I get what you mean about catch 22, and yes that is one of the drawbacks of building Reigns so strong, that there seems to be close to no one credible enough to fight him next.

But my first post....as much as your catch 22 is true with Reigns, it would be even worst with Brock as champion had he won. There are even less credible/worthy opponents to Brock. The 5 wrestlers I listed match up better with Reigns for various reasons.

Can you imagine Cody vs Brock as champ? Total mis-match. At least Cody vs Reigns, there's the fun AEW vs WWE dynamic/story you can lean on.

Drew vs Brock - already been done, would be a bit redundant to revisit. Drew vs Roman as champ?

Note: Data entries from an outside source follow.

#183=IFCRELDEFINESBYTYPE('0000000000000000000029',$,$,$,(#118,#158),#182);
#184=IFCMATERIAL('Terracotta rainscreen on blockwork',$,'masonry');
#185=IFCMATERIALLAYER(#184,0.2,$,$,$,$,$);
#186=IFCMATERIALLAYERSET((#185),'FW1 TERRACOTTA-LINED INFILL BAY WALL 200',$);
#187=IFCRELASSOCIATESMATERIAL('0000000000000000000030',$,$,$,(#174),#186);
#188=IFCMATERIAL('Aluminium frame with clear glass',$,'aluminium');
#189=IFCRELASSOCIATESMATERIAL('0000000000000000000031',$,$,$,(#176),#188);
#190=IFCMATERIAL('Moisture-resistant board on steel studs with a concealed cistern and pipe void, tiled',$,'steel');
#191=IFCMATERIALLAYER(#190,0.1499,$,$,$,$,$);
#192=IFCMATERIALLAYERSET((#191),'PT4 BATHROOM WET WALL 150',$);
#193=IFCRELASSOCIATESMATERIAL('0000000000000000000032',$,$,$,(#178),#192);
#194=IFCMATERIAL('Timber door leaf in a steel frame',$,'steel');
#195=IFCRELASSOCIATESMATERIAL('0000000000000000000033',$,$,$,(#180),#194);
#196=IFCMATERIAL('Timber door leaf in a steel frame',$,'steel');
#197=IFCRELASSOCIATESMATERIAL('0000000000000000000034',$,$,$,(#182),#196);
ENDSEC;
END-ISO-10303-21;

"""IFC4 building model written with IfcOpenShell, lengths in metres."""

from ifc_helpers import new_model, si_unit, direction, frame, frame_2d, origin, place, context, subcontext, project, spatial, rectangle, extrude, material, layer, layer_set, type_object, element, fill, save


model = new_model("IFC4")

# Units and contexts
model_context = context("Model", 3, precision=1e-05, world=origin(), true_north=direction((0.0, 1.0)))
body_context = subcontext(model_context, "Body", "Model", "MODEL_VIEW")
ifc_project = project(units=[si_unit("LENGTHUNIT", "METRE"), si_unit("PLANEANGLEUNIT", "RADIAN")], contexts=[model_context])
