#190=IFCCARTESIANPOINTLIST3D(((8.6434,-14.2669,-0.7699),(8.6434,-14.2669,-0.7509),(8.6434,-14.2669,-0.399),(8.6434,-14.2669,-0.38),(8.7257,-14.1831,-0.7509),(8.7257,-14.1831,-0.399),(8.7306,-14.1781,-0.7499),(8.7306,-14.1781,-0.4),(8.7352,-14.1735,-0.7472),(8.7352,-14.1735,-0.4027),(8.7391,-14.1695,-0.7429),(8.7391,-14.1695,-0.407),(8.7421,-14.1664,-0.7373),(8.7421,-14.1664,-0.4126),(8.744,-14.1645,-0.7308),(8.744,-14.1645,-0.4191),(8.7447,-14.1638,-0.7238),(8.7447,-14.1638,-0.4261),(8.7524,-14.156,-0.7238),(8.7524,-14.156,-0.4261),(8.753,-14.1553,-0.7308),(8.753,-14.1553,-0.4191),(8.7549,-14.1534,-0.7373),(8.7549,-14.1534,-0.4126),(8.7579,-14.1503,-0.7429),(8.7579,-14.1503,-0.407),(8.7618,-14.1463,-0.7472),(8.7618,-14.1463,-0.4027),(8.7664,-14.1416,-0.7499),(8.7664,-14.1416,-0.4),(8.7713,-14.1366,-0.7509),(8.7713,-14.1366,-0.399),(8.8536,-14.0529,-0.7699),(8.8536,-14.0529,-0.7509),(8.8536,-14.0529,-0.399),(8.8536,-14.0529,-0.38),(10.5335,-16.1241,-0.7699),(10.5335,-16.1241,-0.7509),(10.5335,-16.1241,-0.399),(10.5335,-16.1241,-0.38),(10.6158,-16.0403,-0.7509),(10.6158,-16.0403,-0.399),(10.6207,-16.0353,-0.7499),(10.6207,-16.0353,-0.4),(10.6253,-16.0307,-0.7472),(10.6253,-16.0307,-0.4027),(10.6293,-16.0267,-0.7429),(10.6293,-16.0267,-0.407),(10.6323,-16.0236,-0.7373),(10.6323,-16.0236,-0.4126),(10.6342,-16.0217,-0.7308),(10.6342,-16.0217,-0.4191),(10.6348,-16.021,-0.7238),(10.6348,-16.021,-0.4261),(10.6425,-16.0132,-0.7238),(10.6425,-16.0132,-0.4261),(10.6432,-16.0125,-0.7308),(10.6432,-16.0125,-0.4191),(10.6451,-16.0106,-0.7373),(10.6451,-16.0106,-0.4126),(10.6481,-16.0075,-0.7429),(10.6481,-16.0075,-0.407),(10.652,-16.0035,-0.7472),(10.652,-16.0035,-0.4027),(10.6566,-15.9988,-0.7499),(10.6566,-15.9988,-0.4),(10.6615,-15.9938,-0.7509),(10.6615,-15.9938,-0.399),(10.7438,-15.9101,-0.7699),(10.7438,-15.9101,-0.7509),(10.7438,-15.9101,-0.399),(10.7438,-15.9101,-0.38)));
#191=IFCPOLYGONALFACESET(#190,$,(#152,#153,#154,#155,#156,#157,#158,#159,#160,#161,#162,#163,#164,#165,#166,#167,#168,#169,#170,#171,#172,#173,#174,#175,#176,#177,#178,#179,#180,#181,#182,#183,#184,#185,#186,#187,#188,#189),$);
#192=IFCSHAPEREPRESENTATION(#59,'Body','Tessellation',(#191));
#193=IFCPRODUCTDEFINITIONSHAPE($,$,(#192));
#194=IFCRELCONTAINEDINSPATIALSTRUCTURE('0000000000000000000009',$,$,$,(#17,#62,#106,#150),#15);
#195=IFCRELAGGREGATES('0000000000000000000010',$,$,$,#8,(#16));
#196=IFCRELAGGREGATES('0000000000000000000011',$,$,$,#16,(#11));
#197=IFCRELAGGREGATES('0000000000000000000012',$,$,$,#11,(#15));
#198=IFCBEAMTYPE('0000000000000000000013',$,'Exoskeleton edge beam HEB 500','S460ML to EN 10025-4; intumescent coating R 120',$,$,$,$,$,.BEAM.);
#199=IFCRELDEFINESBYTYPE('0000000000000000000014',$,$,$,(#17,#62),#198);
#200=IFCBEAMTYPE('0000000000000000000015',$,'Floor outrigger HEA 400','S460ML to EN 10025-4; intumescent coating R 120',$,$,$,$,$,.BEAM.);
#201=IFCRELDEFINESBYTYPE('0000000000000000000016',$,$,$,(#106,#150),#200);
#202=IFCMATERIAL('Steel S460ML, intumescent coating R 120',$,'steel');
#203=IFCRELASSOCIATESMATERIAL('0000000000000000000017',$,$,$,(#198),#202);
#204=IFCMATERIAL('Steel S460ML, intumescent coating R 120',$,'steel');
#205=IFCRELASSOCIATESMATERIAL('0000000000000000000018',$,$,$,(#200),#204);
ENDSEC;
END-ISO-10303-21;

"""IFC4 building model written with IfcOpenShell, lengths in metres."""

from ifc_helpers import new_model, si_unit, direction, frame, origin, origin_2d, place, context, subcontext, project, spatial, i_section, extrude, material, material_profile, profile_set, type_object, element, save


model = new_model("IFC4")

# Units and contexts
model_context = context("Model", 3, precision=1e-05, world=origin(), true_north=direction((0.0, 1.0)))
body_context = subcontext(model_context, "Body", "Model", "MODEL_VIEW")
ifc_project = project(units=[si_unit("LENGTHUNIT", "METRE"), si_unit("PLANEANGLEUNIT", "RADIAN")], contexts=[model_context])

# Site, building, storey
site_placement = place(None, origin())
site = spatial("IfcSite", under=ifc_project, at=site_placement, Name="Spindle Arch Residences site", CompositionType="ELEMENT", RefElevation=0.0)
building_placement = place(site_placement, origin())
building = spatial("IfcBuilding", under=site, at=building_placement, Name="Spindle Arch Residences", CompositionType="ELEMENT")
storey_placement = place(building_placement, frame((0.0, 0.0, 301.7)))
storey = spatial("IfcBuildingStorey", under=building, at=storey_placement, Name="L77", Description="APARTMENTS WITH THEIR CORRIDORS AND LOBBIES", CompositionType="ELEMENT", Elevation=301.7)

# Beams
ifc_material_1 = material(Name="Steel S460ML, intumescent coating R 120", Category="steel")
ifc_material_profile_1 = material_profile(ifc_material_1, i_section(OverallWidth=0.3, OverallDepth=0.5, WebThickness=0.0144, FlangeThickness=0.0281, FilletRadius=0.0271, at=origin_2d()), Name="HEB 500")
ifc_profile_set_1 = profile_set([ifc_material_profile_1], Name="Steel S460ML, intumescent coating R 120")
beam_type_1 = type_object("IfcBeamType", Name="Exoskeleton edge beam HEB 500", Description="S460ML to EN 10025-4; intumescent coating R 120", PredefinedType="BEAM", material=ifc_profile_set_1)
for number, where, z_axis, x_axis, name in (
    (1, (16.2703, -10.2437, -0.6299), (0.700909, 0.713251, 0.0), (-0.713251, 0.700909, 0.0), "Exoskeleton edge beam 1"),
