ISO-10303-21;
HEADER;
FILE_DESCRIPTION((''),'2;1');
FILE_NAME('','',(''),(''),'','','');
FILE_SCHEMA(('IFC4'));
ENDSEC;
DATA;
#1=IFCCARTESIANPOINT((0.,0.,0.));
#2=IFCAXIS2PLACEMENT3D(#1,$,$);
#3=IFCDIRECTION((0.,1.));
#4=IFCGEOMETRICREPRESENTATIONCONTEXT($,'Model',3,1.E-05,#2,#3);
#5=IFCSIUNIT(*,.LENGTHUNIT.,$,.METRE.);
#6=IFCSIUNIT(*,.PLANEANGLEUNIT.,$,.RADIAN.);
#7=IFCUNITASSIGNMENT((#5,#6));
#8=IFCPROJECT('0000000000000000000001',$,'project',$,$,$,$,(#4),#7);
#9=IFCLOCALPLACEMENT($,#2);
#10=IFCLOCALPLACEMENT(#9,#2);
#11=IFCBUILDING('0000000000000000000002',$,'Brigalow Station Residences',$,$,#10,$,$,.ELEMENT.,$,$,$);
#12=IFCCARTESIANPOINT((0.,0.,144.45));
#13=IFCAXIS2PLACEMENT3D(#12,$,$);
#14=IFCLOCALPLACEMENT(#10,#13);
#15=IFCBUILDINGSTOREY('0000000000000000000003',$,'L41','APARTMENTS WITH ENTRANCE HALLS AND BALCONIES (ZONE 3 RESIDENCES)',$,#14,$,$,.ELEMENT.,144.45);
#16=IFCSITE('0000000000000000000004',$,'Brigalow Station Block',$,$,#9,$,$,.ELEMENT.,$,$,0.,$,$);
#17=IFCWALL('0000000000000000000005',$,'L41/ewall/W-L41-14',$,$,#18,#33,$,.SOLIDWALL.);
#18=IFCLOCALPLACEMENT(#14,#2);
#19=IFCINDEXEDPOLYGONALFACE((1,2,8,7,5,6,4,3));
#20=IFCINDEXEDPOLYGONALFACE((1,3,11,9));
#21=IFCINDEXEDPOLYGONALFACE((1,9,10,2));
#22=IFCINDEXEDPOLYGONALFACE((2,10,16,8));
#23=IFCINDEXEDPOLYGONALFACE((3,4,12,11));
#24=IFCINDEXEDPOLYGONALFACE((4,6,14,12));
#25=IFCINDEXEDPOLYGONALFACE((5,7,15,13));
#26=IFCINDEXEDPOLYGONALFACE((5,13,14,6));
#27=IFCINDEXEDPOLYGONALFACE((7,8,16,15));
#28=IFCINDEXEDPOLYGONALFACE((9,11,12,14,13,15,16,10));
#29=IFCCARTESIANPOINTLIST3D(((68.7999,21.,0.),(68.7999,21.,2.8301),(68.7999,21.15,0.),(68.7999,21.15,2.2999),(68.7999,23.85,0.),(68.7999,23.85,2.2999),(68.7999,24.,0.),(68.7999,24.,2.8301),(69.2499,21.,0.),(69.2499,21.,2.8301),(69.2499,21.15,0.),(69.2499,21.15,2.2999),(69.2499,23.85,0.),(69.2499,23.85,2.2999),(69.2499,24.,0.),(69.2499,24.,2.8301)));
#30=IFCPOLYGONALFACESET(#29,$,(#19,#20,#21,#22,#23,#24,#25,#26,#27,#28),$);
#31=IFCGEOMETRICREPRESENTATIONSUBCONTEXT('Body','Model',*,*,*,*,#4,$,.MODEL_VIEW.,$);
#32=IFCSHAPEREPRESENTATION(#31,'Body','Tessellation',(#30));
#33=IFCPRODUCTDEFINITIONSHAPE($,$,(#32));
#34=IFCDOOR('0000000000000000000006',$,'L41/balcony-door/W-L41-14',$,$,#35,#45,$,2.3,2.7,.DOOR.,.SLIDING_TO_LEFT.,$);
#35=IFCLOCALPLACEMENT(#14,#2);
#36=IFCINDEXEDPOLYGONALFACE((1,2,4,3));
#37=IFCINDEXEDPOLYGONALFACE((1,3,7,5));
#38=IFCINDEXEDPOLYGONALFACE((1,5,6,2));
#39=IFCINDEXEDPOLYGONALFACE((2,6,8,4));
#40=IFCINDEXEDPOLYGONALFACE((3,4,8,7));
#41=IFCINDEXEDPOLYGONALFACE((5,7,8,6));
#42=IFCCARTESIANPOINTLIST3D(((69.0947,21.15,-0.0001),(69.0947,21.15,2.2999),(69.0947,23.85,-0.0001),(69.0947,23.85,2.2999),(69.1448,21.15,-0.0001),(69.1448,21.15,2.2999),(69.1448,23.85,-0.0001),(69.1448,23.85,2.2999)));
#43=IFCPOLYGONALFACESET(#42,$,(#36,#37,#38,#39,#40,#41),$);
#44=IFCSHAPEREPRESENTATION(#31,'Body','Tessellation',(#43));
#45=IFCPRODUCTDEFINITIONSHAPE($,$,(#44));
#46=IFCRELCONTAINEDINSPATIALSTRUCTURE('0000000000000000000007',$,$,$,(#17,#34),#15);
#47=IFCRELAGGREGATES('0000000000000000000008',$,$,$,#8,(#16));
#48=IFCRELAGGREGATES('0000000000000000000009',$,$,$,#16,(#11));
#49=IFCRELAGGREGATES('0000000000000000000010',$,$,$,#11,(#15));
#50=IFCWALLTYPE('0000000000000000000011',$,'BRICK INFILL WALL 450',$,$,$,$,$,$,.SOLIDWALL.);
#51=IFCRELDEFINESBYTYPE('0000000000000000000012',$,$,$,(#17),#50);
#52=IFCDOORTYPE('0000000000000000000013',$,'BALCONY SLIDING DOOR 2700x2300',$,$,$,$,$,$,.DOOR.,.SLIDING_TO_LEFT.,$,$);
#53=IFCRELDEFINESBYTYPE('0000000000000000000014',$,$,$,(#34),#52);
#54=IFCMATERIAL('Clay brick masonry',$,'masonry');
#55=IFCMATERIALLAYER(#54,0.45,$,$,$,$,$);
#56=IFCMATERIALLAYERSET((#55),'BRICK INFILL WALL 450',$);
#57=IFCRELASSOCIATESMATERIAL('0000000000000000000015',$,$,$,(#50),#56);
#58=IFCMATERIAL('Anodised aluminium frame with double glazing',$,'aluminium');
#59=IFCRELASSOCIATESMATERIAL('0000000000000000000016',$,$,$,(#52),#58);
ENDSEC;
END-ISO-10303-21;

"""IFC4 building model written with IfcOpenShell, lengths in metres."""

from ifc_helpers import new_model, si_unit, direction, frame, frame_2d, origin, place, context, subcontext, project, spatial, rectangle, extrude, material, layer, layer_set, type_object, element, fill, save


model = new_model("IFC4")

# Units and contexts
model_context = context("Model", 3, precision=1e-05, world=origin(), true_north=direction((0.0, 1.0)))
body_context = subcontext(model_context, "Body", "Model", "MODEL_VIEW")
ifc_project = project(units=[si_unit("LENGTHUNIT", "METRE"), si_unit("PLANEANGLEUNIT", "RADIAN")], contexts=[model_context])

# Site, building, storey
site_placement = place(None, origin())
site = spatial("IfcSite", under=ifc_project, at=site_placement, Name="Brigalow Station Block", CompositionType="ELEMENT", RefElevation=0.0)
building_placement = place(site_placement, origin())
building = spatial("IfcBuilding", under=site, at=building_placement, Name="Brigalow Station Residences", CompositionType="ELEMENT")
storey_placement = place(building_placement, frame((0.0, 0.0, 144.45)))
storey = spatial("IfcBuildingStorey", under=building, at=storey_placement, Name="L41", Description="APARTMENTS WITH ENTRANCE HALLS AND BALCONIES (ZONE 3 RESIDENCES)", CompositionType="ELEMENT", Elevation=144.45)

# Shared definitions
ifc_material_1 = material(Name="Clay brick masonry", Category="masonry")
ifc_layer = layer(ifc_material_1, 0.45)
ifc_layer_set = layer_set([ifc_layer], Name="BRICK INFILL WALL 450")
wall_type = type_object("IfcWallType", Name="BRICK INFILL WALL 450", PredefinedType="SOLIDWALL", material=ifc_layer_set)

# Wall, opening, door
wall_1_placement = place(storey_placement, frame((69.0249, 21.0, 0.0), z_axis=(0.0, 0.0, 1.0), x_axis=(0.0, 1.0, 0.0)))
wall_1 = element("IfcWall", 1, at=wall_1_placement, inside=storey, type_object=wall_type, Name="L41/ewall/W-L41-14", PredefinedType="SOLIDWALL", context=body_context, shape_type="SweptSolid", body=[
    extrude(rectangle(XDim=3.0, YDim=0.45, at=frame_2d((1.5, 0.0))), origin(), (0.0, 0.0, 1.0), 2.8301),
])
opening_1_placement = place(wall_1_placement, frame((0.1499, 0.0, 0.0)))
opening_1 = element("IfcOpeningElement", 2, at=opening_1_placement, cuts=wall_1, PredefinedType="OPENING", context=body_context, shape_type="SweptSolid", body=[
    extrude(rectangle(XDim=2.7, YDim=2.3, at=frame_2d((1.3501, 1.1499))), frame((0.0, 0.2349, 0.0), z_axis=(0.0, -1.0, 0.0), x_axis=(1.0, 0.0, 0.0)), (0.0, 0.0, 1.0), 0.47),
])
ifc_material_2 = material(Name="Anodised aluminium frame with double glazing", Category="aluminium")
door_type = type_object("IfcDoorType", Name="BALCONY SLIDING DOOR 2700x2300", OperationType="SLIDING_TO_LEFT", PredefinedType="DOOR", material=ifc_material_2)
door_placement = place(opening_1_placement, origin())
door = element("IfcDoor", 3, at=door_placement, inside=storey, type_object=door_type, Name="L41/balcony-door/W-L41-14", OperationType="SLIDING_TO_LEFT", OverallHeight=2.3, OverallWidth=2.7, PredefinedType="DOOR", context=body_context, shape_type="SweptSolid", body=[
    extrude(rectangle(XDim=2.7, YDim=2.3, at=frame_2d((1.3501, 1.1499))), frame((0.0, -0.0698, 0.0), z_axis=(0.0, -1.0, 0.0), x_axis=(1.0, 0.0, 0.0)), (0.0, 0.0, 1.0), 0.05),
])
fill(opening_1, door)

save(model, "model.ifc")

Never been done, could be a good match

Seth vs Brock - I mean, Seth does ok vs Brock, but it's also been done. Seth vs Roman also has been done, but unfinished business from Rumble, so easier/better story to tell if they want to.

I agree AJ needs credibility, but he's one of those guys who can get it very quick. And I think he matches up better vs Reigns than vs Brock

Lashley - well, he just fought Lesnar. It could be fun to re-visit again for sure, but vs Roman it's a fresher feud.

So all i'm saying is - I agree with you that booking Reigns so strong makes it hard to find credibly challengers for him next. But if Brock had won the title - it would have been even harder.


----------



## Flairwhoo84123

Bobholly39 said:


> I get what you mean about catch 22, and yes that is one of the drawbacks of building Reigns so strong, that there seems to be close to no one credible enough to fight him next.
> 
> But my first post....as much as your catch 22 is true with Reigns, it would be even worst with Brock as champion had he won. There are even less credible/worthy opponents to Brock. The 5 wrestlers I listed match up better with Reigns for various reasons.
> 
> Can you imagine Cody vs Brock as champ? Total mis-match. At least Cody vs Reigns, there's the fun AEW vs WWE dynamic/story you can lean on.
> 
> Drew vs Brock - already been done, would be a bit redundant to revisit. Drew vs Roman as champ? Never been done, could be a good match
> 
> Seth vs Brock - I mean, Seth does ok vs Brock, but it's also been done. Seth vs Roman also has been done, but unfinished business from Rumble, so easier/better story to tell if they want to.
> 
> I agree AJ needs credibility, but he's one of those guys who can get it very quick. And I think he matches up better vs Reigns than vs Brock
> 
> Lashley - well, he just fought Lesnar. It could be fun to re-visit again for sure, but vs Roman it's a fresher feud.
> 
> So all i'm saying is - I agree with you that booking Reigns so strong makes it hard to find credibly challengers for him next. But if Brock had won the title - it would have been even harder.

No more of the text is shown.